Par ailleurs, le Gouvernement estimait, en 2007, qu'un nombre important de mesures était maintenu sans justification. En effet, elles n'étaient pas limitées dans le temps et le juge devait soit se saisir d'office ou être saisi d'une demande de mainlevée pour prononcer la fin d'une mesure. Afin de combattre cette inertie, le législateur a décidé que toutes les mesures doivent être revues tous les cinq ans 7 ( * ) - le stock devant, lui, faire l'objet de cette révision dans les cinq ans suivant la promulgation de la loi.

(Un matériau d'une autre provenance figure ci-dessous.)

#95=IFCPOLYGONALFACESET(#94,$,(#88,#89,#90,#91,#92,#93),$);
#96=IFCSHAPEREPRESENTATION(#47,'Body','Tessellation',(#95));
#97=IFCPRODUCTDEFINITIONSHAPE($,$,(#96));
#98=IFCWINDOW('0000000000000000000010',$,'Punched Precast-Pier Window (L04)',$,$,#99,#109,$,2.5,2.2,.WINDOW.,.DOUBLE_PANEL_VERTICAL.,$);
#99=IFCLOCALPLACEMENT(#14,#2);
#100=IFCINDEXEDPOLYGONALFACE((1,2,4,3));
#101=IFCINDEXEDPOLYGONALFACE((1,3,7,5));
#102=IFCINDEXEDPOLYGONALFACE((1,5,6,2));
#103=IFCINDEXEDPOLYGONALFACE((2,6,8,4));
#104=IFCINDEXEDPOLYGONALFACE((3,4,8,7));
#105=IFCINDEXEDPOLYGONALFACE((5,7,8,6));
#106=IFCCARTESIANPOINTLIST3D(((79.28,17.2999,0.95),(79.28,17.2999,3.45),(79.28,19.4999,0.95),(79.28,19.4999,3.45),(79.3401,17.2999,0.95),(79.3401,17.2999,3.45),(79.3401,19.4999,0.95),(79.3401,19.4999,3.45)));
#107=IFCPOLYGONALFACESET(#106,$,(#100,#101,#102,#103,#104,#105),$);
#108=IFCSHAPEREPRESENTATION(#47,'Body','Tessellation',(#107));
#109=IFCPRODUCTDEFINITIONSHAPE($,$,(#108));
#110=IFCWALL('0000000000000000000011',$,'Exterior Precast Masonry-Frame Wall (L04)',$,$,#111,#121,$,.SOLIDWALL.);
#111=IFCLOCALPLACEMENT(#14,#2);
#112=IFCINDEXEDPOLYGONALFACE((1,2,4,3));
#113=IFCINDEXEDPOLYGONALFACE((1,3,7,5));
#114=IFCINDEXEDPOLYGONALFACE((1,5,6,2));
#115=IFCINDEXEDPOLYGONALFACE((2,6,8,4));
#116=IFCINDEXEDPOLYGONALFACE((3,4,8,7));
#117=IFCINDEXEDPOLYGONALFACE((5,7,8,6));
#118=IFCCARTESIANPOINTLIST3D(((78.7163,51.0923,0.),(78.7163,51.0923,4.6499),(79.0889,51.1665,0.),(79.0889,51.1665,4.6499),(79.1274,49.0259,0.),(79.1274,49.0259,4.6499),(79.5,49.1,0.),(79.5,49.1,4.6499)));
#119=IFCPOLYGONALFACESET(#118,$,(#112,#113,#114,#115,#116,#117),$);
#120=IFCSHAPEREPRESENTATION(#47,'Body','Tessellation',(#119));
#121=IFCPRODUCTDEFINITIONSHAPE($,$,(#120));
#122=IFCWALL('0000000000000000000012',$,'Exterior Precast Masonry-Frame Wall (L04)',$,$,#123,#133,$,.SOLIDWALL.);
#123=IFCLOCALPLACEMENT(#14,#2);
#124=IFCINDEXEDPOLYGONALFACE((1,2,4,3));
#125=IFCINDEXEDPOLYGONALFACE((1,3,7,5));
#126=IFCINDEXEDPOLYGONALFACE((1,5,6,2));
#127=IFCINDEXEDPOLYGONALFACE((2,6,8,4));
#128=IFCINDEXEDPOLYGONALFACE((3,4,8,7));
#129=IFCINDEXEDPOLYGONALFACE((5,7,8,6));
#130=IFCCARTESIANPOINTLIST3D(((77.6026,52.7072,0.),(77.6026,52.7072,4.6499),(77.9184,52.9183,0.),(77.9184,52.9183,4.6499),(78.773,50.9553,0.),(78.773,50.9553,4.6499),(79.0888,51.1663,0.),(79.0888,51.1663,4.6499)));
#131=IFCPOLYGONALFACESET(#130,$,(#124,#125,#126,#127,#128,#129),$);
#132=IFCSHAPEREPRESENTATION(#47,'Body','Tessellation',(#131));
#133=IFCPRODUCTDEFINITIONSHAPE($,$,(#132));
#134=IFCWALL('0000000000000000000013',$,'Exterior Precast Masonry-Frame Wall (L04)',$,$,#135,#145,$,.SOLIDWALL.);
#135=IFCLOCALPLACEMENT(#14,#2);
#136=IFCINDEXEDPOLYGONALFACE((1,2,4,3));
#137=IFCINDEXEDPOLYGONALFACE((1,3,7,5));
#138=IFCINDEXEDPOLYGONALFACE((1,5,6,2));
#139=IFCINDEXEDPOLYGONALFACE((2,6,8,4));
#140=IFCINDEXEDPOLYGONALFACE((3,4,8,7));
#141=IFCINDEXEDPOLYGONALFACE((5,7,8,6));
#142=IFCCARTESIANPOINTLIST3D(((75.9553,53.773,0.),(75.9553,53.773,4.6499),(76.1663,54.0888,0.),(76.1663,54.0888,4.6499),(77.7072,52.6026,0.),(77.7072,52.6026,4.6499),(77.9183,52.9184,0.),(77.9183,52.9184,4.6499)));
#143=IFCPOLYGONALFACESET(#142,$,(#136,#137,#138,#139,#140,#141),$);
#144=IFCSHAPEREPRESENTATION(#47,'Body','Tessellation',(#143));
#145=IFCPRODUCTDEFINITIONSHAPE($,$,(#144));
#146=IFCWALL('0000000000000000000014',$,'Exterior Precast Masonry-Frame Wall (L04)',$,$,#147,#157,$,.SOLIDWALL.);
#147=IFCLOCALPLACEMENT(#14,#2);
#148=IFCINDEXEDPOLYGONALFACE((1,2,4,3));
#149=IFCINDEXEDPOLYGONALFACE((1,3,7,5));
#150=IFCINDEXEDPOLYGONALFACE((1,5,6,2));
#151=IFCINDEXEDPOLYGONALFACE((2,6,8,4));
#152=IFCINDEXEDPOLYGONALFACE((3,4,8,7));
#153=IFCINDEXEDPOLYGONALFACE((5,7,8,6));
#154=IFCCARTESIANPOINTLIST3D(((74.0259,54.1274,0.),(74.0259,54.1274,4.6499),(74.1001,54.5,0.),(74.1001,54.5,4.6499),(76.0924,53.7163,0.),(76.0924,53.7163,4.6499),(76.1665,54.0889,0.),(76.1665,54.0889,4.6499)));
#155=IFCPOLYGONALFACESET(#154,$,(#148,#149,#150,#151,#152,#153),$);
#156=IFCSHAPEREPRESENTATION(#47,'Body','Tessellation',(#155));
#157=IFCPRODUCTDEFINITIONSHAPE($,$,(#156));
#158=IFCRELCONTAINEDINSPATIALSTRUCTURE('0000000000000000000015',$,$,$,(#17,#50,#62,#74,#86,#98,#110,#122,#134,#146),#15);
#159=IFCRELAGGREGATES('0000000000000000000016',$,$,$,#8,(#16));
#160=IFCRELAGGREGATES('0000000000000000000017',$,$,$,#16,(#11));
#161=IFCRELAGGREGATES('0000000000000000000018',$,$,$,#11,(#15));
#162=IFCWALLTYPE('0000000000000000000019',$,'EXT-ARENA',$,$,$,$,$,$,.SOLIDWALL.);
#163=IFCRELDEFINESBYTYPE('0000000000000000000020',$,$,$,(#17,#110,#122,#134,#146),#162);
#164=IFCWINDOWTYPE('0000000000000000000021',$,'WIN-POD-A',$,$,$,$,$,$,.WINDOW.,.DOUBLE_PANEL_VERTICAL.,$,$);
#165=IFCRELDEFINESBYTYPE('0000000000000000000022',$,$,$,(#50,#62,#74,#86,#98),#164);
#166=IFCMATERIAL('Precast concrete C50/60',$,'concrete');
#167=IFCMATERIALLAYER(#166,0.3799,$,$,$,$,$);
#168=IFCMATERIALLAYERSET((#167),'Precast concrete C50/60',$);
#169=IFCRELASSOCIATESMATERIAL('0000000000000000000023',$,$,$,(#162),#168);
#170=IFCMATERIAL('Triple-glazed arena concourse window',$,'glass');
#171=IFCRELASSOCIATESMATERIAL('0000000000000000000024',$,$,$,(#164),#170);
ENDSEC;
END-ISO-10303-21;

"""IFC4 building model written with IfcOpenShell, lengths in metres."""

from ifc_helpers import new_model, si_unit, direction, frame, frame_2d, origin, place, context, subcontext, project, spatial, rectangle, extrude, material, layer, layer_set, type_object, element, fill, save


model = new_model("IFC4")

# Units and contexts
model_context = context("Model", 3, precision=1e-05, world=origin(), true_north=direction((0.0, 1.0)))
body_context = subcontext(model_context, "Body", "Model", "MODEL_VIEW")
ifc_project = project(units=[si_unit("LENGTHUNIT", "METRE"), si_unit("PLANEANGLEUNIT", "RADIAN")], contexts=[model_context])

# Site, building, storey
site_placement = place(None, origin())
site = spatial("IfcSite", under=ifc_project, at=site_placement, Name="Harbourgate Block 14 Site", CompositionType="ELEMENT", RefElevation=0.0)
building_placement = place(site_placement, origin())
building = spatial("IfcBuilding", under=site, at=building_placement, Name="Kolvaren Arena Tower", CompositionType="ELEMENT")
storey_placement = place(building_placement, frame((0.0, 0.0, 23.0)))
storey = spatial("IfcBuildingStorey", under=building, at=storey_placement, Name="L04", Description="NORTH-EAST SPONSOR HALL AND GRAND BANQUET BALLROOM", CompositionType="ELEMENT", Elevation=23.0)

Dans le même objectif consistant à s'assurer du meilleur respect du principe de nécessité, le juge des tutelles ne peut plus se saisir d'office . Seuls les membres de la famille, une personne résidant avec le majeur ou le procureur de la République peuvent demander l'ouverture de la mesure.

Au total, la réforme devait permettre de diminuer tant le flux que le stock de mesures de protection afin de libérer du temps et des moyens pour les magistrats et les greffiers afin qu'ils se concentrent sur les mesures les plus importantes et qu'ils puissent contrôler l'activité des tuteurs, en particulier s'agissant des comptes de tutelles .

Du côté des majeurs protégés, l'instauration d'un volet social devait correspondre à une meilleure prise en compte des besoins de chaque adulte en fonction de sa situation personnelle.

Pour autant, la Cour des comptes relève que cette ambition initiale de la loi de 2007 est encore loin d'être atteinte. Elle note ainsi que « le nombre de demandes nouvelles de protection ne semble pas décroître , contrairement à ce qui avait été anticipé, même si le recul temporel est encore trop faible pour qu'une véritable tendance de moyen terme s'en dégage . Ainsi, le nombre de demandes enregistrées est passé de 137 954 en 2007 à 175 782 en 2009 et 181 279 en 2010 ».

Par ailleurs, elle souligne que « la croissance continue des demandes résulte pour partie de l'absence de communication sur le dispositif social et contractuel créé par la loi. Le rapport du Médiateur de la République [...] du 3 février 2011 pointait la méconnaissance de la loi du 5 mars 2007, à la fois par le grand public mais également par les professionnels ».

En tout état de cause, il apparaît que « le renouvellement [ne conduit que] très rarement à un allègement (2,4 % des mesures révisées en 2009, 2,2 % prévus en 2010 8 ( * ) ) ou à une mainlevée (9,6 % des mesures révisées en 2009, 6,6 % en 2010), ce qui accrédite l'idée que la mesure initiale était justifiée alors que la réforme reposait, dans son principe, sur le postulat contraire ».

De même, elle fait valoir que « le basculement des curatelles dites "sociales" vers les MASP ne semble pas encore avoir eu lieu, alors qu'il constituait l'une des hypothèses fortes de la réforme ».

L'absence de confirmation, voire l'infirmation - même si le recul historique est encore trop faible -, d'une des principales hypothèses de la réforme pourrait compromettre son économie générale. En effet, la charge de travail des tribunaux d'instance a été alourdie en prévision d'une diminution du nombre de dossiers à traiter. Si la « sur-judiciarisation » n'est pas corroborée dans les faits, l'engorgement des juridictions, déjà patent, pourrait devenir un problème insoluble .


* 5 Soit 40 891 TPSA sur un total 59 777 en 2005.

* 6 Rapport de l'Inspection générale des affaires sociales (IGAS), de l'Inspection générale des finances (IGF) et de l'Inspection générale des services judiciaires (IGSJ) sur le fonctionnement du dispositif de protection des majeurs, juillet 1998.

* 7 Un an pour les mesures de sauvegarde de justice.

* 8 Source : direction des affaires civiles et du Sceau.